Noch heute, ein paar Tage später, zaubert mir die ein oder andere absurde Szene noch ein amüsiertes Lächeln ins Gesicht. Die Rahmenhandlung (das Mädchen, das den Comic liest) lockert die zwanzig Episoden immer wieder auf und bringt den Zuschauer auch einige Male zum Lachen. Aber getragen wird der Film von der unendlichen Fülle an skurrilen und verrückten Ideen, die man in ihrer Vielseitigkeit fast nicht erfassen kann. Gespannt wartet man darauf, mit welchen Einfällen der nächste Superheld im Alphabet präsentiert wird und vergisst darüber tatsächlich die Zeit.
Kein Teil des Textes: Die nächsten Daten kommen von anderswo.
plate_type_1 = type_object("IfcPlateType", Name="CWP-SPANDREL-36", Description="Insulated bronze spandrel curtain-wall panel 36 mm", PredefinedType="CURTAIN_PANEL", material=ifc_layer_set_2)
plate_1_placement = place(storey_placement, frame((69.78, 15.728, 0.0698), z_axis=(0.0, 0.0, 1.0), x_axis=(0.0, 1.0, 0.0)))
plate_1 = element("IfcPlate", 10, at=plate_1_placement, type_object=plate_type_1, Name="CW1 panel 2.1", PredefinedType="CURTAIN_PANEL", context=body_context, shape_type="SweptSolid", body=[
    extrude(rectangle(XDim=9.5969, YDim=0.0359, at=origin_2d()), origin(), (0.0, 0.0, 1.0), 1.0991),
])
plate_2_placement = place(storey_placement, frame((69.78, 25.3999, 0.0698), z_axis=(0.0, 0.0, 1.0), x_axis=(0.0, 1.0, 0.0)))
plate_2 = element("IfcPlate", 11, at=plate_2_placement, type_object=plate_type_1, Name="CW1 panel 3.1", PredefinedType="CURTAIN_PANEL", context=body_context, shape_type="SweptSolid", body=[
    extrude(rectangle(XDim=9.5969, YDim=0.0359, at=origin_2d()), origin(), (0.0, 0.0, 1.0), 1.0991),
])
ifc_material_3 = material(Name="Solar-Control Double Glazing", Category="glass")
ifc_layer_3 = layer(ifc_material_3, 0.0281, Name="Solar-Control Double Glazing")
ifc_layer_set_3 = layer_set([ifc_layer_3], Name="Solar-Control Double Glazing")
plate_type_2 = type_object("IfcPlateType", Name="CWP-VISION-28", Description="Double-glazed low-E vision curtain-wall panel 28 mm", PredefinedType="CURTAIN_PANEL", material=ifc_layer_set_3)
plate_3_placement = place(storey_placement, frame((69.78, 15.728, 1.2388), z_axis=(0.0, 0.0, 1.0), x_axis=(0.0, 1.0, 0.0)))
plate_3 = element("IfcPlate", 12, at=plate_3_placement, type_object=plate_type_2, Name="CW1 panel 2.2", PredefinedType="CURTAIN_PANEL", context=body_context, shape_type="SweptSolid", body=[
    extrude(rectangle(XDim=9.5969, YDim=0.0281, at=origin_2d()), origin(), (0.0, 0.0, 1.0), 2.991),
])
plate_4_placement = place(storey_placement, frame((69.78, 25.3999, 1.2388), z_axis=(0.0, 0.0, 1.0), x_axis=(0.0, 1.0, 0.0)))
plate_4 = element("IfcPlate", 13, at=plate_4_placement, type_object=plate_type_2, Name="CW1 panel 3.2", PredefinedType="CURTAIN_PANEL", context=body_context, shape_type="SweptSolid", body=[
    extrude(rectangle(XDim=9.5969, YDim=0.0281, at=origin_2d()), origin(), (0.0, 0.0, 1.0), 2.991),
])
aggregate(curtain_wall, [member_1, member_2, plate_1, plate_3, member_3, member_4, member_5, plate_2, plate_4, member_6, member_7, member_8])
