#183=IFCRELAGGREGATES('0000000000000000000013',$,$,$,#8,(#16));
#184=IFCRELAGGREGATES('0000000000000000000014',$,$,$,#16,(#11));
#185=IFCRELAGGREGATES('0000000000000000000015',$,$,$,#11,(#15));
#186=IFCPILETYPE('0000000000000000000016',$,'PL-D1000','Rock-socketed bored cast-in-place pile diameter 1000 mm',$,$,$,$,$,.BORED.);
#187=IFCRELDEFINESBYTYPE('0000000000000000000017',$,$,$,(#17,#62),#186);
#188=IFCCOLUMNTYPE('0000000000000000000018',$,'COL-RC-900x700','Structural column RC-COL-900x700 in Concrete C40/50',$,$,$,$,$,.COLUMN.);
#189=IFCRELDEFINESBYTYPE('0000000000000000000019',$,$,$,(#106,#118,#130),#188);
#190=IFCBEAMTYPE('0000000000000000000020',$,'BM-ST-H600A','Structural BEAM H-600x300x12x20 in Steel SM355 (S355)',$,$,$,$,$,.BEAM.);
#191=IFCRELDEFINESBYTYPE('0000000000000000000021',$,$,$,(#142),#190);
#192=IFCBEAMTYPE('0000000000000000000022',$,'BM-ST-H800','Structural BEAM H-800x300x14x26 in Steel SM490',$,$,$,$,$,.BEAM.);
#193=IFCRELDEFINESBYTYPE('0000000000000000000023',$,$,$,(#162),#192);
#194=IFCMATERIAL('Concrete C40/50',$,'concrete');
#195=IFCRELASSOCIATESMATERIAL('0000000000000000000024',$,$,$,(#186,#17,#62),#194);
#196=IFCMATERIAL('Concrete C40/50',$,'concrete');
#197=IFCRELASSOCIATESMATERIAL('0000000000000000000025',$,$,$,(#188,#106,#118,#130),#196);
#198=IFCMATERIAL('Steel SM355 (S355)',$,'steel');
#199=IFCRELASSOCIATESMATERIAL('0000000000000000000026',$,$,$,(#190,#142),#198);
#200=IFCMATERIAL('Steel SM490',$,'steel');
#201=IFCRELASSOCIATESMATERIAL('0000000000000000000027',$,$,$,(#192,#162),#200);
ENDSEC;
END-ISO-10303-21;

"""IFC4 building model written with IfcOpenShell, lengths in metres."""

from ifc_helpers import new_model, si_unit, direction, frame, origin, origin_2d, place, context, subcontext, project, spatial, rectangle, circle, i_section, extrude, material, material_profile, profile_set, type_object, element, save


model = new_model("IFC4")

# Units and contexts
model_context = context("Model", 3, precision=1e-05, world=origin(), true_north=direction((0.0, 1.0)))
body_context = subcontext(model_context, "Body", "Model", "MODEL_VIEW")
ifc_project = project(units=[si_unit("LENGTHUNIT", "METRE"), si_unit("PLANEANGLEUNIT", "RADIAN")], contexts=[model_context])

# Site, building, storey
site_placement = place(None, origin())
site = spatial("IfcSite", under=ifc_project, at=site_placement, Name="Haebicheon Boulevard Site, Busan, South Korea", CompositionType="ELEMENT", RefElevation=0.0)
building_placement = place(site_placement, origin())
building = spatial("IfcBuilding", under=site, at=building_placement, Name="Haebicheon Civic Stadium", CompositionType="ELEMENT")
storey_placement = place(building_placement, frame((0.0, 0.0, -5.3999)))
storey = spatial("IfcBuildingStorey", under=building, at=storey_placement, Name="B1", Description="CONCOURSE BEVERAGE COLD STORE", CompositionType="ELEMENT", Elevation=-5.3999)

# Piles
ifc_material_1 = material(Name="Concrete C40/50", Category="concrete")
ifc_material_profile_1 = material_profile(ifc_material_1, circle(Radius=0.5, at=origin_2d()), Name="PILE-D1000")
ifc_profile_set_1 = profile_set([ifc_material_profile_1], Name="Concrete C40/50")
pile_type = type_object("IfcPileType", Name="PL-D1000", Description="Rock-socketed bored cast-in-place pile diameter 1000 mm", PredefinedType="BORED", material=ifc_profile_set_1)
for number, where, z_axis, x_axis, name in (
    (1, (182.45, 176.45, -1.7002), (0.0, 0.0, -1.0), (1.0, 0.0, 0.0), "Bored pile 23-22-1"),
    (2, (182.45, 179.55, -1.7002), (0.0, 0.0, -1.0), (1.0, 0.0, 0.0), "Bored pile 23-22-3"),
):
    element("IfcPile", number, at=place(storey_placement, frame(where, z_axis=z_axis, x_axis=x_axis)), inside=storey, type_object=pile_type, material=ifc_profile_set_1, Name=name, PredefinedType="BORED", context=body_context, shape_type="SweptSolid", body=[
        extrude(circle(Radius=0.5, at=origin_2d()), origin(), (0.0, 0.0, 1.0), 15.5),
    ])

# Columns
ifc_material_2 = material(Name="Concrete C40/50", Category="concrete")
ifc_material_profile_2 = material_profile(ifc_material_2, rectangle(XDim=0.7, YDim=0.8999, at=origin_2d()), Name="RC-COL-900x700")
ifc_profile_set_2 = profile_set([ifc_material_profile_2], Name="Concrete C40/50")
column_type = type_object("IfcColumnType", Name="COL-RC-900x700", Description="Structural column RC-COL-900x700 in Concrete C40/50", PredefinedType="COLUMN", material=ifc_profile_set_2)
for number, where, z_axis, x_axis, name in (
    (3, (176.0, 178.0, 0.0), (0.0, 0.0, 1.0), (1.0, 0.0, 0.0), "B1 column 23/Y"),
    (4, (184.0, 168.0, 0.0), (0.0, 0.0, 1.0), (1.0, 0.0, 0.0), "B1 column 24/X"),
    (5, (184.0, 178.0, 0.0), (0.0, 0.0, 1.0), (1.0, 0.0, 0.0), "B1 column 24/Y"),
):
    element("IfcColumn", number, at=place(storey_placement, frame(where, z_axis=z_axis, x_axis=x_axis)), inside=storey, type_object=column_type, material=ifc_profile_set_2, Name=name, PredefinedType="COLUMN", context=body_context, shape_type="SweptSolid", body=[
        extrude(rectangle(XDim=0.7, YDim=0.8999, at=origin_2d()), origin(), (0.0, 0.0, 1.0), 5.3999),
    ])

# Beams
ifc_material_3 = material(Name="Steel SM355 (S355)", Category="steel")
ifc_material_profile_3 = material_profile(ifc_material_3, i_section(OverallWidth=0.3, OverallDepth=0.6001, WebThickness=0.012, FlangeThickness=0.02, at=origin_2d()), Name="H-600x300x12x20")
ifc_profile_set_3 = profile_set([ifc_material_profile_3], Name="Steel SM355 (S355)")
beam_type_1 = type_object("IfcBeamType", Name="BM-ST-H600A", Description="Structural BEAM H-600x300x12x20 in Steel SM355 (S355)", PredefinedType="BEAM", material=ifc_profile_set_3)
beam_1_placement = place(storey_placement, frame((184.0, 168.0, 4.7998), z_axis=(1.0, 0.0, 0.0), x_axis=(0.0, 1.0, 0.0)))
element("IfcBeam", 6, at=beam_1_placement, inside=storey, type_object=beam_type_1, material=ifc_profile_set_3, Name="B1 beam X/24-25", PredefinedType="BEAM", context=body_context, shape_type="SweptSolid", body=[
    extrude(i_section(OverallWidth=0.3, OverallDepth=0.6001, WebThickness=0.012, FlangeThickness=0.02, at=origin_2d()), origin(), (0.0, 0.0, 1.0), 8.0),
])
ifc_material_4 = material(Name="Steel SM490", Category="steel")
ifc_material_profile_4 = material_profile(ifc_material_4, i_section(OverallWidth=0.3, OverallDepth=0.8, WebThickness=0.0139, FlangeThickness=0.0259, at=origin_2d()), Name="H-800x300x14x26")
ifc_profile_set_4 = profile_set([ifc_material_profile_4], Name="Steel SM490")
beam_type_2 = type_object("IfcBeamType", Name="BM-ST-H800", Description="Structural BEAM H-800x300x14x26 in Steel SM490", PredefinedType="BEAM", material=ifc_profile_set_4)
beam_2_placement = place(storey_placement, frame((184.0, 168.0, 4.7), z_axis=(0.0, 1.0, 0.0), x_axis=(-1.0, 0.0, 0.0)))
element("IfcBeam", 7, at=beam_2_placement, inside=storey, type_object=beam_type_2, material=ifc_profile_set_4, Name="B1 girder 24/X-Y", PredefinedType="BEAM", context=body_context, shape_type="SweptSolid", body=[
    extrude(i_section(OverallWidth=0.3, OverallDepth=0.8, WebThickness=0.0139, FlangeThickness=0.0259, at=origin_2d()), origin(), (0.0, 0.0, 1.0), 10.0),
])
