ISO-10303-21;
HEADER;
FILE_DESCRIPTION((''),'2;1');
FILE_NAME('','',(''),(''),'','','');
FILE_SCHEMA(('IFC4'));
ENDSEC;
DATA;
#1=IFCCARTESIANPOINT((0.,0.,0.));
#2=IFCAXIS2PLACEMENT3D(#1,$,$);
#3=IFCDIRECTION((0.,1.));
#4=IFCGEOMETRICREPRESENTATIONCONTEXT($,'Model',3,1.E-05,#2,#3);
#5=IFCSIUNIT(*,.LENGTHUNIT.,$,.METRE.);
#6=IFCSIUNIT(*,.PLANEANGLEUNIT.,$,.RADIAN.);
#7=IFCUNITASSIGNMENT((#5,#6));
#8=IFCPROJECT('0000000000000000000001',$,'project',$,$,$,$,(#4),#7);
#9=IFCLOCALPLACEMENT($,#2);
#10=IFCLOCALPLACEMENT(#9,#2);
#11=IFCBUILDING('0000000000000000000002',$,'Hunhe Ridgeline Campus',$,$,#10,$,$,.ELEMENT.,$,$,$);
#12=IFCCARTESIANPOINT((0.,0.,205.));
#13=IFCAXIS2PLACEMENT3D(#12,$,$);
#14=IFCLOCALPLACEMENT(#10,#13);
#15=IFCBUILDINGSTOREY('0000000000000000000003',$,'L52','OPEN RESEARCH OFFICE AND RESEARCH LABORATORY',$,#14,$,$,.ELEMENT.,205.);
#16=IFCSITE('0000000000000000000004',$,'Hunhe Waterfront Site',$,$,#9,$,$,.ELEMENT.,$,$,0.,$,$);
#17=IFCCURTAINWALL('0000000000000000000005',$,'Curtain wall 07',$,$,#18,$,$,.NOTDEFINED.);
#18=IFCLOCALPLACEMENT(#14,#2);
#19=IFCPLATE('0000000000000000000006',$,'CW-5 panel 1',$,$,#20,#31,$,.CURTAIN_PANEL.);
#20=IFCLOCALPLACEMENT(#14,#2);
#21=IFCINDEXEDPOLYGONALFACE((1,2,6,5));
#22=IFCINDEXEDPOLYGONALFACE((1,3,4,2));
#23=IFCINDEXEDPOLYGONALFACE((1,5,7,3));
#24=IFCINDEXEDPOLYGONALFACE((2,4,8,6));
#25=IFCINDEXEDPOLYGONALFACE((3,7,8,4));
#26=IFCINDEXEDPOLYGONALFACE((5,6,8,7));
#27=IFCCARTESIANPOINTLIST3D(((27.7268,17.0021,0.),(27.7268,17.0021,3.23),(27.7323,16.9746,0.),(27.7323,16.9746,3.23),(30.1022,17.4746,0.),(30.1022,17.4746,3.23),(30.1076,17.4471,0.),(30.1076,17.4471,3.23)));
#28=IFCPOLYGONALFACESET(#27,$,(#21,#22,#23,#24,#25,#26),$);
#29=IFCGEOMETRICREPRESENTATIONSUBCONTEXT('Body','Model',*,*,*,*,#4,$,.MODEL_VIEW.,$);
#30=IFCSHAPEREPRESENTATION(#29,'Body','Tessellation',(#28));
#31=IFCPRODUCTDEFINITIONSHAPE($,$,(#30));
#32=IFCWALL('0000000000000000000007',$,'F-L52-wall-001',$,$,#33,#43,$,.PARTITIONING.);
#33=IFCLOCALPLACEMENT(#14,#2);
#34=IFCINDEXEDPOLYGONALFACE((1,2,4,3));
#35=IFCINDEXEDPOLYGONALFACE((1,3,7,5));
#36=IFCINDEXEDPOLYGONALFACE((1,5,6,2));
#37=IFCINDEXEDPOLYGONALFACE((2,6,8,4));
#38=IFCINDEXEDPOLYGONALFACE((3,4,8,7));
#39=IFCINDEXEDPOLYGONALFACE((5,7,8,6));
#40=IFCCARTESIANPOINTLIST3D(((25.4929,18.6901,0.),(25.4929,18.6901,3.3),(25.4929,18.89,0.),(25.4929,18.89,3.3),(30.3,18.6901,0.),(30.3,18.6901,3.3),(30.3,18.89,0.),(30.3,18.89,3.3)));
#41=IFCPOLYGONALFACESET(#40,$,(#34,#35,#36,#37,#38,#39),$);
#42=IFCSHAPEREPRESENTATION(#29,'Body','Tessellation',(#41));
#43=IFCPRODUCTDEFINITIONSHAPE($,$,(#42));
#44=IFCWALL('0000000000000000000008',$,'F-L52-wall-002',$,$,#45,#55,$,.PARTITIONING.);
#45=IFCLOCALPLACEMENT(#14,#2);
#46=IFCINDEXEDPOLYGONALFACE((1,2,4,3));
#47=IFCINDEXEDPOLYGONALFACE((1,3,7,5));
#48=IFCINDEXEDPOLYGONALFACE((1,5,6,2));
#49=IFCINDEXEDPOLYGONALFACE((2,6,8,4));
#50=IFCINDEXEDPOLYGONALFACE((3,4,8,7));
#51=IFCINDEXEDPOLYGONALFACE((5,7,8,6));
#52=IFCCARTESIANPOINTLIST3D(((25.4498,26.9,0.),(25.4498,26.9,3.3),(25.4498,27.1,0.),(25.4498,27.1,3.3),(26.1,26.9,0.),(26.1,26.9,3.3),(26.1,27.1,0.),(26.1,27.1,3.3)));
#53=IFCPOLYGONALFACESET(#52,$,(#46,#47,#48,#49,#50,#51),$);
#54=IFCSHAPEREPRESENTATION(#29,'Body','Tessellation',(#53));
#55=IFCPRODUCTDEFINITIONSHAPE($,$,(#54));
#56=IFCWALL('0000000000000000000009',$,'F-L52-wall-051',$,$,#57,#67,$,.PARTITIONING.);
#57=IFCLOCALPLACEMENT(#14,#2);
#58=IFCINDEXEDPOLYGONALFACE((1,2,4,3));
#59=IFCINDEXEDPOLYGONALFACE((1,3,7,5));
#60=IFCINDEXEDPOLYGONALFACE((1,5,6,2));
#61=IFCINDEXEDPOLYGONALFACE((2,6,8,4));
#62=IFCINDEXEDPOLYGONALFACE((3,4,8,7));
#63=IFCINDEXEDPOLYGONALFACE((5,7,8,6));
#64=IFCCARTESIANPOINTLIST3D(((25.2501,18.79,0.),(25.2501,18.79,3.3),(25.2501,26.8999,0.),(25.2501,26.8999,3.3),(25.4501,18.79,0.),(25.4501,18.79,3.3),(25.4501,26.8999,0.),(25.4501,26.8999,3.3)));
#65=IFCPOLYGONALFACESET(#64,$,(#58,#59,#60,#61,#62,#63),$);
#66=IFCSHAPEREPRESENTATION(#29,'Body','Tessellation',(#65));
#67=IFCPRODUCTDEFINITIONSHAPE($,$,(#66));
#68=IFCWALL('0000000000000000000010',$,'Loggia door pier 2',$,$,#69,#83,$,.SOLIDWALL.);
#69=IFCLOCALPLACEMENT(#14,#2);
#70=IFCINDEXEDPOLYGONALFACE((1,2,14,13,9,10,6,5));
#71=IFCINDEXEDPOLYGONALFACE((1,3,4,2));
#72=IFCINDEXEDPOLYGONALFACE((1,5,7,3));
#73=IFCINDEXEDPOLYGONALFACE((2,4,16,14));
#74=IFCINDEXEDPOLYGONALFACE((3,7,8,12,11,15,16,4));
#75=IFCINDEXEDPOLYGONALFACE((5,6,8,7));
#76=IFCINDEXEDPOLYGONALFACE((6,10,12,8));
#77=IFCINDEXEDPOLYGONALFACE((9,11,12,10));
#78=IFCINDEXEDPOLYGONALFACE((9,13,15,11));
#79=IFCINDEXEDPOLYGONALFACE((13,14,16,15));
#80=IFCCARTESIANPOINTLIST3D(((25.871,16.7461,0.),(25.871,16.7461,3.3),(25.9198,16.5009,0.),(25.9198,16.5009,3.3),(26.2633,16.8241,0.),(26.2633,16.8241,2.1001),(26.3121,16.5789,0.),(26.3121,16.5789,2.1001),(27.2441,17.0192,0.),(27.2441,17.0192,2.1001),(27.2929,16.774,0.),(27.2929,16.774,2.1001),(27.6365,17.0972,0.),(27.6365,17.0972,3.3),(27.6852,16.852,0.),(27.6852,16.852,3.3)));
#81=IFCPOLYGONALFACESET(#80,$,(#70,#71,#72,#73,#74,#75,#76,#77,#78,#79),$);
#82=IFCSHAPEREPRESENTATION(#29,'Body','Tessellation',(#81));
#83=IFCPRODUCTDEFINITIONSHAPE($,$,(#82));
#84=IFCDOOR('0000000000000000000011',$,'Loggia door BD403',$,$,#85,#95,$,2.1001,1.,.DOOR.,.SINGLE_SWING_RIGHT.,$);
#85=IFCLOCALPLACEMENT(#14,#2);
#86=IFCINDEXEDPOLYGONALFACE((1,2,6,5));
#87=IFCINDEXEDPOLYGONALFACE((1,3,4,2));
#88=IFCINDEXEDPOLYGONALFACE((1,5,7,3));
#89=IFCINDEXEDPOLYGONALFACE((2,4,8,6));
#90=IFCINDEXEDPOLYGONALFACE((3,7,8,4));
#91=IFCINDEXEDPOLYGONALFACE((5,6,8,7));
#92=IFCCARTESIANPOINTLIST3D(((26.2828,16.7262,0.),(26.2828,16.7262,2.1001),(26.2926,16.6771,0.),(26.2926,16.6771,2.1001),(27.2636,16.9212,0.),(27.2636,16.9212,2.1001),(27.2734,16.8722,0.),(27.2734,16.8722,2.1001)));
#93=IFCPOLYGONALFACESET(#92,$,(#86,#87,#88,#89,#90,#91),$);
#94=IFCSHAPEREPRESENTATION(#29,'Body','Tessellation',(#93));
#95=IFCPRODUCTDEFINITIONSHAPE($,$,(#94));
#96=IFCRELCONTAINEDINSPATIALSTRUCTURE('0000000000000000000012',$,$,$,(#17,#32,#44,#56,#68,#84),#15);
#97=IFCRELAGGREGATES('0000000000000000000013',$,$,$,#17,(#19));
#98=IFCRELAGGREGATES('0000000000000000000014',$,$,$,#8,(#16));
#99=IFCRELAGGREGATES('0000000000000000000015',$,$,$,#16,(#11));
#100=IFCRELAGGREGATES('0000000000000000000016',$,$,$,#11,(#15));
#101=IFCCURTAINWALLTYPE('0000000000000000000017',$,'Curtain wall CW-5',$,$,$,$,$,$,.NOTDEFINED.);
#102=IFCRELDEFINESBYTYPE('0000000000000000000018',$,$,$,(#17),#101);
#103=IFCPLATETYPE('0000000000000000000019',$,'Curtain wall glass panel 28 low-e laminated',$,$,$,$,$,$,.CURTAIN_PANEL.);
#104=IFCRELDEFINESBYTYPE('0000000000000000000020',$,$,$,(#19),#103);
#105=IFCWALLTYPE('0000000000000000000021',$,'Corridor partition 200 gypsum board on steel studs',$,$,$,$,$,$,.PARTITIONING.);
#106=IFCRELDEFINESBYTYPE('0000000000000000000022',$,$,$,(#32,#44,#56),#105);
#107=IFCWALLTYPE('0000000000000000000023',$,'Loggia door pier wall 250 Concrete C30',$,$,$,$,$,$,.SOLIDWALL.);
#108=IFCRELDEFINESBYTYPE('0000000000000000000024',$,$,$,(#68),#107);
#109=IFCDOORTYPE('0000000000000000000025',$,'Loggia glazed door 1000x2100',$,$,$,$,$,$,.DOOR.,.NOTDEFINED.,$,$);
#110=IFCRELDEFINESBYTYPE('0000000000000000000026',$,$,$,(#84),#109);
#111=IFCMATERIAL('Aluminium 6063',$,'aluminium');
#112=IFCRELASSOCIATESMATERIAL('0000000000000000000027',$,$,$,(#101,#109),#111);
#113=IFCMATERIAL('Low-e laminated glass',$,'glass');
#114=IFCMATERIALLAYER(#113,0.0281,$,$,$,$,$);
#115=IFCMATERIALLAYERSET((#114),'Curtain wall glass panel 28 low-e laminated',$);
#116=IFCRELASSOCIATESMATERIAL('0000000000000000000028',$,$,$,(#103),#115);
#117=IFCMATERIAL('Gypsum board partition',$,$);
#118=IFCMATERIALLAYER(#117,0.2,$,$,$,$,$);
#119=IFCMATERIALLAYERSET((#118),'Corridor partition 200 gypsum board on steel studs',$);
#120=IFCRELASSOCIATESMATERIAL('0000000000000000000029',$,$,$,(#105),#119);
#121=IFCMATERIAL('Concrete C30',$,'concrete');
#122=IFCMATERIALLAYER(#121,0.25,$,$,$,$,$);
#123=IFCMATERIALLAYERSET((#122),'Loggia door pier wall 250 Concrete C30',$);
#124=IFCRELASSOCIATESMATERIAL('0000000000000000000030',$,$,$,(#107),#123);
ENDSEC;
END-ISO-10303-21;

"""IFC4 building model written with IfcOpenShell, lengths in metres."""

from ifc_helpers import new_model, si_unit, direction, frame, frame_2d, origin, origin_2d, place, context, subcontext, project, spatial, rectangle, extrude, material, layer, layer_set, type_object, element, fill, aggregate, save


model = new_model("IFC4")

# Units and contexts
model_context = context("Model", 3, precision=1e-05, world=origin(), true_north=direction((0.0, 1.0)))
body_context = subcontext(model_context, "Body", "Model", "MODEL_VIEW")
ifc_project = project(units=[si_unit("LENGTHUNIT", "METRE"), si_unit("PLANEANGLEUNIT", "RADIAN")], contexts=[model_context])

# Site, building, storey
site_placement = place(None, origin())
site = spatial("IfcSite", under=ifc_project, at=site_placement, Name="Hunhe Waterfront Site", CompositionType="ELEMENT", RefElevation=0.0)
building_placement = place(site_placement, origin())
building = spatial("IfcBuilding", under=site, at=building_placement, Name="Hunhe Ridgeline Campus", CompositionType="ELEMENT")
storey_placement = place(building_placement, frame((0.0, 0.0, 205.0)))
storey = spatial("IfcBuildingStorey", under=building, at=storey_placement, Name="L52", Description="OPEN RESEARCH OFFICE AND RESEARCH LABORATORY", CompositionType="ELEMENT", Elevation=205.0)

# Shared definitions
ifc_material_1 = material(Name="Aluminium 6063", Category="aluminium")
curtain_wall_type = type_object("IfcCurtainWallType", Name="Curtain wall CW-5", PredefinedType="NOTDEFINED", material=ifc_material_1)

# Curtain wall
curtain_wall_1_placement = place(storey_placement, origin())
curtain_wall_1 = element("IfcCurtainWall", 1, at=curtain_wall_1_placement, inside=storey, type_object=curtain_wall_type, Name="Curtain wall 07", PredefinedType="NOTDEFINED")

# Plate
ifc_material_2 = material(Name="Low-e laminated glass", Category="glass")
ifc_layer_1 = layer(ifc_material_2, 0.0281)
ifc_layer_set_1 = layer_set([ifc_layer_1], Name="Curtain wall glass panel 28 low-e laminated")
plate_type = type_object("IfcPlateType", Name="Curtain wall glass panel 28 low-e laminated", PredefinedType="CURTAIN_PANEL", material=ifc_layer_set_1)
plate_1_placement = place(storey_placement, frame((28.9172, 17.2246, 0.0), z_axis=(0.0, 0.0, 1.0), x_axis=(0.980785, 0.195091, 0.0)))
plate_1 = element("IfcPlate", 2, at=plate_1_placement, type_object=plate_type, Name="CW-5 panel 1", PredefinedType="CURTAIN_PANEL", context=body_context, shape_type="SweptSolid", body=[
    extrude(rectangle(XDim=2.4219, YDim=0.0281, at=origin_2d()), origin(), (0.0, 0.0, 1.0), 3.23),
])
aggregate(curtain_wall_1, [plate_1])

# Walls
ifc_material_3 = material(Name="Gypsum board partition")
ifc_layer_2 = layer(ifc_material_3, 0.2)
ifc_layer_set_2 = layer_set([ifc_layer_2], Name="Corridor partition 200 gypsum board on steel studs")
wall_type_1 = type_object("IfcWallType", Name="Corridor partition 200 gypsum board on steel studs", PredefinedType="PARTITIONING", material=ifc_layer_set_2)
wall_1_placement = place(storey_placement, frame((25.4929, 18.79, 0.0), z_axis=(0.0, 0.0, 1.0), x_axis=(1.0, 0.0, 0.0)))
element("IfcWall", 3, at=wall_1_placement, inside=storey, type_object=wall_type_1, Name="F-L52-wall-001", PredefinedType="PARTITIONING", context=body_context, shape_type="SweptSolid", body=[
    extrude(rectangle(XDim=4.8071, YDim=0.2, at=frame_2d((2.4036, 0.0))), origin(), (0.0, 0.0, 1.0), 3.3),
])
wall_2_placement = place(storey_placement, frame((26.1001, 27.0, 0.0), z_axis=(0.0, 0.0, 1.0), x_axis=(-1.0, 0.0, 0.0)))
element("IfcWall", 4, at=wall_2_placement, inside=storey, type_object=wall_type_1, Name="F-L52-wall-002", PredefinedType="PARTITIONING", context=body_context, shape_type="SweptSolid", body=[
    extrude(rectangle(XDim=0.6501, YDim=0.2, at=frame_2d((0.3252, 0.0))), origin(), (0.0, 0.0, 1.0), 3.3),
])

# Wall
wall_3_placement = place(storey_placement, frame((25.3501, 26.8999, 0.0), z_axis=(0.0, 0.0, 1.0), x_axis=(0.0, -1.0, 0.0)))
element("IfcWall", 5, at=wall_3_placement, inside=storey, type_object=wall_type_1, Name="F-L52-wall-051", PredefinedType="PARTITIONING", context=body_context, shape_type="SweptSolid", body=[
    extrude(rectangle(XDim=8.1099, YDim=0.2, at=frame_2d((4.0549, 0.0))), origin(), (0.0, 0.0, 1.0), 3.3),
])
Ich habe selten einen so kurzweiligen Episodenfilm gesehen, der mit einem wahren Feuerwerk an Inspirationen und Gags aufwarten kann. Die Gastauftritte von Uwe Boll, Jörg Buttgereit, Lloyd Kaufmann und Bai Ling tun ihr übriges dazu, um „ABCs Of Superheroes“ unterhaltsam zu machen. Die Darsteller sind allesamt witzig und souverän (und oftmals in ihrer naiven Amateurhaftigkeit liebenswert doof), wobei mir Jerry Kwarteng in der Rolle als Jesus dann doch ziemlich positiv aufgefallen ist.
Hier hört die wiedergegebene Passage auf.